AUSTIN, Texas — Microbial biofilms—dense, sticky mats of bacteria that are hard to treat and can lead to dangerous infections—often form in medical equipment, such as flexible plastic tubing used in catheters or in tubes used to help patients breathe. By some estimates, more than 1 million people contract infections from medical devices in U.S. hospitals each year, many of which are due to biofilms. A study from The University of Texas at Austin suggests a possible new way to prevent such biofilms from forming, which would sharply reduce incidents of related hospital-borne infection.
Vernita Gordon, an assistant professor of physics and senior author of the paper appearing today in the Proceedings of the National Academy of Sciences, detected the key mechanism that triggers biofilms to form. She next envisions creating coatings for medical devices and other surfaces that would block the trigger and keep bacteria from clustering to form intractable biofilms.
“It’s important to prevent biofilms before they start,” Gordon said. “It’s much easier to wipe out free-floating bacteria than a biofilm.”
Certain patients are especially susceptible to biofilm related infections. People with cystic fibrosis, diabetes and chronic obstructive pulmonary disease often develop serious and even life-threatening bacterial infections that are hard to treat, in large part because the bacteria—such as Pseudomonas aeruginosa—form biofilms that are resistant to the host's immune cells and to antibiotics.
Earlier work had shown that before Pseudomonas bacteria form a biofilm, they have to sense that they are attached to a surface. But it wasn’t clear what cues the bacteria sense. Now, according to the new study, the bacteria sense something called mechanical shear, which is a kind of stretching that happens when a bacterium is attached to a surface and the surrounding liquid is moving and/or it pulls itself along.

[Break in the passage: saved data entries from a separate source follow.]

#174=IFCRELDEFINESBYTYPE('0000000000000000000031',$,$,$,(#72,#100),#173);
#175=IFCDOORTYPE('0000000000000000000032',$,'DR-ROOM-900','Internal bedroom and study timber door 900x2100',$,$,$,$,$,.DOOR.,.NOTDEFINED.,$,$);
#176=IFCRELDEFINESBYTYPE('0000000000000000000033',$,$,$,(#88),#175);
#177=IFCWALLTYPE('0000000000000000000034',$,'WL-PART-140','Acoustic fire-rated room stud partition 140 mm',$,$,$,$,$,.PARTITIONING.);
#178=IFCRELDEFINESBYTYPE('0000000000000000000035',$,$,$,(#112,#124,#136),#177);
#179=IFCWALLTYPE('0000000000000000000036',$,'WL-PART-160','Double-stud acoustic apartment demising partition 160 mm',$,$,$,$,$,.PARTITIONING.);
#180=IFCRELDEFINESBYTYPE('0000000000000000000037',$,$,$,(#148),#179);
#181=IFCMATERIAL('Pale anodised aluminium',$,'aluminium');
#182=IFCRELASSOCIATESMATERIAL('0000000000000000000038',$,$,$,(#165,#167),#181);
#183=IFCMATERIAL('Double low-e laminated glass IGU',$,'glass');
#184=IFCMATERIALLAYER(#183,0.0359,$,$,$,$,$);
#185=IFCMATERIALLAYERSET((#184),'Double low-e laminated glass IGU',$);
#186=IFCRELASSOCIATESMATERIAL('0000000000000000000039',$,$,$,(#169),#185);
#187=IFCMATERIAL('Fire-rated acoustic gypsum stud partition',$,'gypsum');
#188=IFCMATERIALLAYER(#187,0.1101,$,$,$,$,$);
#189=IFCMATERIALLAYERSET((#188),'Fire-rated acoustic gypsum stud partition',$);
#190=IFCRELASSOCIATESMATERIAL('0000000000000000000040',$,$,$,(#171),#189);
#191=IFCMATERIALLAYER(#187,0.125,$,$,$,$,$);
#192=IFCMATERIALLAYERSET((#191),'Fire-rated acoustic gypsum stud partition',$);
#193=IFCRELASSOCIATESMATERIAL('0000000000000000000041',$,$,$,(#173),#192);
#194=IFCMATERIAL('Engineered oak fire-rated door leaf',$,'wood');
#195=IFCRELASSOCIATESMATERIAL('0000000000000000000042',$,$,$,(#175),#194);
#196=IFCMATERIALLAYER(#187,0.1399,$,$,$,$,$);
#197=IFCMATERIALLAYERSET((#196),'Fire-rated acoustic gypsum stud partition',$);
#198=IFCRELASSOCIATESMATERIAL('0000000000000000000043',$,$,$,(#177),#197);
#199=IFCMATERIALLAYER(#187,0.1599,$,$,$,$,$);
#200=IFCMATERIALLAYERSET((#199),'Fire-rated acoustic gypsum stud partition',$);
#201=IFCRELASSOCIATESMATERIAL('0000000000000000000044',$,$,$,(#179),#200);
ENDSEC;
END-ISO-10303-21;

So what is shear? Imagine you’re in a river and you’re trying to pull yourself along underwater by grabbing rocks on the bottom and pulling forward. Shear is the force that is stretching your body; it’s what you feel in your arms and legs as you pull against the resistance of the water. You might not feel much shear if the water is still and you’re moving slowly, or it might be high if the river is moving fast and you’re going the opposite way. Let go of the rocks and just “go with the flow” of the river, and you won’t feel any shear.
Sensing shear tells Pseudomonas that it’s no longer free-floating but attached to a surface and triggers it to start producing a biofilm. Gordon says the discovery paves the way for biomedical engineers to begin developing methods to stop bacteria from sensing shear. So far, most strategies being developed to prevent the formation of biofilms use one of two approaches: kill the bacteria outright or prevent them from attaching to the surface.
Both those methods are problematic. Antimicrobials usually only work against certain types of bacteria under certain circumstances, and they can become ineffective if susceptible bacteria evolve resistance. It’s also hard to develop a universal anti-stick surface because bacteria have many ways to attach to a surface.
“What we suggest is, if they are responding to a mechanical cue, then you could make a third class of biofilm-preventing surface,” Gordon said. “You could modulate the mechanics of the surface so they never get the signal that they are attached, and they never start making a biofilm.”
Gordon suggests that for maximum effectiveness, surfaces could be engineered with a combination of these three approaches.
Because of inconsistent reporting and differences in analytical methods, it is difficult to measure exactly how many people in the U.S. each year acquire infections from biofilms forming on medical devices. Estimates range widely—from 185,000 infections (based on a 2014 CDC study) to 2.8 million (based on a 2007 study in the journal Clinical Infectious Diseases estimating up to 4 million health-care acquired infections (HAI’s) and a 2008 study in the journal Biotechnology and Bioengineering estimating up to 70 percent of HAI’s are associated with medical implants).
Gordon’s co-authors are Christopher Rodesney, Brian Roman and Numa Dhamani at UT Austin; Benjamin Cooley at the University of Georgia (formerly a postdoc at UT Austin); and Ahmed Touhami at the University of Texas Rio Grande Valley.
Funding for this research was provided by The University of Texas at Austin and ExxonMobil.